View attachment 34480
Awesome!! Ok will getup and go burn me an updated bootdisk. I was freaking when it overheated originally. Yes the vrm on those SuperMicro boards always been issues. Looks like you got plenty fans! I’m working on turning one my extra bedrooms to a mini fridge to fix the warning issues .. I’m lucky if I have another month before east texas starts its warming phase. thanks for the reply!
 

Cajunitaly

New Member
Feb 9, 2024
4
0
1
It absolutely worked for me and I have been mining at about 55 degrees per CPU for the last days since!!
The only thing that was giving me a little trouble were the VRMs that were overheating.
I 3D printed this duct and now they sit at about 70-75 degrees but aren’t overheating anymore.
Good luck with your recovery and stay safe!
View attachment 34480
On another note.. can you make stands for these dual boards on your 3d printer?
 

NikVince

New Member
Feb 5, 2024
5
0
1
That appears to be running awfully hot!
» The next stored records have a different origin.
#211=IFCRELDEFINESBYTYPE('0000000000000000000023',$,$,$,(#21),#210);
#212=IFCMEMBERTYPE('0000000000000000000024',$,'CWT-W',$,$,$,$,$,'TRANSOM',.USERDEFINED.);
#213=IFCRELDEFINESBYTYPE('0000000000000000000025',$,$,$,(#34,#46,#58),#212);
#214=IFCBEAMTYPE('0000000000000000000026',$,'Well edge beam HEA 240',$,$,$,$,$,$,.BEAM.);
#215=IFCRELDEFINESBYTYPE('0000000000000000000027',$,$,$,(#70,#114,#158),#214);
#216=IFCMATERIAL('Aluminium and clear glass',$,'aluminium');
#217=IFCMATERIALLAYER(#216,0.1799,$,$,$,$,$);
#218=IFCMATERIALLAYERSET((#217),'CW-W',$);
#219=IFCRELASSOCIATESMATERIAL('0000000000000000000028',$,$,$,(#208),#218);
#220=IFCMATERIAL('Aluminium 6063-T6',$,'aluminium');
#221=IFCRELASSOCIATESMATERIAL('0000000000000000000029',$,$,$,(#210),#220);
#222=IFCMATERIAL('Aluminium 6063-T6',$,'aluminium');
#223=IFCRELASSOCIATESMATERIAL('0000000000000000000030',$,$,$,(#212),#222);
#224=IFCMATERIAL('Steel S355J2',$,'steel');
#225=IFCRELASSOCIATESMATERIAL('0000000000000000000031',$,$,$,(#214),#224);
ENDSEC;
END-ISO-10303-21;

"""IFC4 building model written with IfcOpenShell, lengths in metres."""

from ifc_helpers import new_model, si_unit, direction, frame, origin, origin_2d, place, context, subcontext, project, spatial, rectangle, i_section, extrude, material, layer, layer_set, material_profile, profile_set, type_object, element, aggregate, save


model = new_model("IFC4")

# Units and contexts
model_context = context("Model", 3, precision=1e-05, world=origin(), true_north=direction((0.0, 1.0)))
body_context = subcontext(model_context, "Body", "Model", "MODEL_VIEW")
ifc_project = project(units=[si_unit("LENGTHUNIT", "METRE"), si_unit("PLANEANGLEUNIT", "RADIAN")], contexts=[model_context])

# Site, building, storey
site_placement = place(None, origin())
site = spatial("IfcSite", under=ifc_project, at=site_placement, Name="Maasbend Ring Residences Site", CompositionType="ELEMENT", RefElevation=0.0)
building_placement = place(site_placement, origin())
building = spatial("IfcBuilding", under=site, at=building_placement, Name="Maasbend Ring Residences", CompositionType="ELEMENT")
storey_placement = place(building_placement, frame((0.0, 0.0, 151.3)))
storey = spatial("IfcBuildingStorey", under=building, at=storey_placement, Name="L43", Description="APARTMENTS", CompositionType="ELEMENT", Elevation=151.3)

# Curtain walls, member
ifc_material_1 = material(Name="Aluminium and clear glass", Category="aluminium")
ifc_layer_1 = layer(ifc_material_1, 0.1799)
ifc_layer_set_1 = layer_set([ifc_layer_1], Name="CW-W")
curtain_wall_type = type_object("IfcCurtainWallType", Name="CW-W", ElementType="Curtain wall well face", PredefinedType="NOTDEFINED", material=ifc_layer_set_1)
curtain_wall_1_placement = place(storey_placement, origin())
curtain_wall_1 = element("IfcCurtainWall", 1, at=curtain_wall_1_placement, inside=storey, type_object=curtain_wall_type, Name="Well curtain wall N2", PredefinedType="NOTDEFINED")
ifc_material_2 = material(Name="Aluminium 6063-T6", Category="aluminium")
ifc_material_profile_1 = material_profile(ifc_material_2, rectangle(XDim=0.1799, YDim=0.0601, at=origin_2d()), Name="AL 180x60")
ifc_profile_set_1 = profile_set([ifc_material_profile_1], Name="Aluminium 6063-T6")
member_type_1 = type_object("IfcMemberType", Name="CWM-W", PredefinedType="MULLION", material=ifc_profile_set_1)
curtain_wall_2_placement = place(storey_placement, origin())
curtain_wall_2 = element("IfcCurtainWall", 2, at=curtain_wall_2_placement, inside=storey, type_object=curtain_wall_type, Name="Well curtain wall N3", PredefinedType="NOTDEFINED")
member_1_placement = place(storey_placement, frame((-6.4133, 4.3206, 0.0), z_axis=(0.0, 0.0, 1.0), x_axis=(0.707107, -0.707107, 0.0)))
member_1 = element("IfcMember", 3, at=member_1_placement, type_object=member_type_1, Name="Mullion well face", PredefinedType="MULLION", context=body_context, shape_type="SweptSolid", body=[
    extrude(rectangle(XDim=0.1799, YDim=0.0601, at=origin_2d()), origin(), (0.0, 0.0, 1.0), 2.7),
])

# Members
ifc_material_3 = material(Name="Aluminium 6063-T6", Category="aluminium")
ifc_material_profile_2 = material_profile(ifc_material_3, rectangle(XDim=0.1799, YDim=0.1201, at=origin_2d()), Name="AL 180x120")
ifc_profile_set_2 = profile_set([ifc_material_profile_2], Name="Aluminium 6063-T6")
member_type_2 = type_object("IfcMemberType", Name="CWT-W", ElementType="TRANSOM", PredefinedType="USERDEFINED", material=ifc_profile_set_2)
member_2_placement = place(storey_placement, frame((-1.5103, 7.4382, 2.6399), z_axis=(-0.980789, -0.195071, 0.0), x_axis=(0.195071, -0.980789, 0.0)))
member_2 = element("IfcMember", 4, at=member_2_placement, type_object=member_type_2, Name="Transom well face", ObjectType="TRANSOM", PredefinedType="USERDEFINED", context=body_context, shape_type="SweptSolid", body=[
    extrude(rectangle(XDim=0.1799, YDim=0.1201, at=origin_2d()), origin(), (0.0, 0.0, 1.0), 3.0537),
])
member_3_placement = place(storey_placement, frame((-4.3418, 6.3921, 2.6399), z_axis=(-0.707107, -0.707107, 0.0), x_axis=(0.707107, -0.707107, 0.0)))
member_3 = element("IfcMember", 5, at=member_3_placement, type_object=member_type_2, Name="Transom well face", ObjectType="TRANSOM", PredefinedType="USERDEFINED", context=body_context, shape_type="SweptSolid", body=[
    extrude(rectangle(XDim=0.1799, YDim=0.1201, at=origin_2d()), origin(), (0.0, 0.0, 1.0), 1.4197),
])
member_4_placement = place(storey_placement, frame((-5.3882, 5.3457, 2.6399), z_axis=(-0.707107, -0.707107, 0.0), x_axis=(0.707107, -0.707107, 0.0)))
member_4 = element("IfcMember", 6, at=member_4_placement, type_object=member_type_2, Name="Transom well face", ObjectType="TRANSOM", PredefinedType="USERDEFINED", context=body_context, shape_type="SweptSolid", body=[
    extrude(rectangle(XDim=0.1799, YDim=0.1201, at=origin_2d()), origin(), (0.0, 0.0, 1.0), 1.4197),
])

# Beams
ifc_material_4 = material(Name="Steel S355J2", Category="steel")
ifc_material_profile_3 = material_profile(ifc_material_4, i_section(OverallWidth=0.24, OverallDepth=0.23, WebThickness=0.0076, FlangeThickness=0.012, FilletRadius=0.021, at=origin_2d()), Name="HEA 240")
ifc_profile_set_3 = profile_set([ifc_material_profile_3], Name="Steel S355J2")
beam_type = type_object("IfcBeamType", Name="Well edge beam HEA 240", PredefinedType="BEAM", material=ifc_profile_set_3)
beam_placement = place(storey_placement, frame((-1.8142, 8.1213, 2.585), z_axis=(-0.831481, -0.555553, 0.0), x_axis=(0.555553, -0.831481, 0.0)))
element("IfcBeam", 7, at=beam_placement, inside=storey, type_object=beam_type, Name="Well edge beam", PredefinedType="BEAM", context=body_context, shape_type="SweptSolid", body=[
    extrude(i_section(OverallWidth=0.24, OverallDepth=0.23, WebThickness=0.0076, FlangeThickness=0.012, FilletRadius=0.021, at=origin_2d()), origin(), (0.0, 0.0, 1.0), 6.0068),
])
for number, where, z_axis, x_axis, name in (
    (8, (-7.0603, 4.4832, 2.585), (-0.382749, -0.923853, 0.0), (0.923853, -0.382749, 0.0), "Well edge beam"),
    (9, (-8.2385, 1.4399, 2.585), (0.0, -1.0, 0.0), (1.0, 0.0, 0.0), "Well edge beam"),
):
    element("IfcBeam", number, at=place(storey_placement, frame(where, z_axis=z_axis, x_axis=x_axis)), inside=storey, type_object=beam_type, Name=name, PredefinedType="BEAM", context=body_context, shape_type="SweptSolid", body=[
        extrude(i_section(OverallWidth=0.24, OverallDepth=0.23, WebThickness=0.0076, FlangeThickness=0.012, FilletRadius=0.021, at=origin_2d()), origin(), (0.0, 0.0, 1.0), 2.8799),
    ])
What do the temperatures show in other operating systems? I have a machine with the same CPU coolers used for Monero mining and it never runs hotter than 55C even with 225 Watt processors.
These CPUs are 280watt Tdp, not 225.
As I said yesterday, updating the kernel fixed the wrong temperature display and I'm currently running at 55-60 degrees at max!
 

drdepasquale

Member
Dec 1, 2022
77
32
18
These CPUs are 280watt Tdp, not 225.
As I said yesterday, updating the kernel fixed the wrong temperature display and I'm currently running at 55-60 degrees at max!
I could see that these would run a little hotter with a higher TDP. These are still far cooler and more efficient when compared to a consumer grade CPU of the same or higher TDP.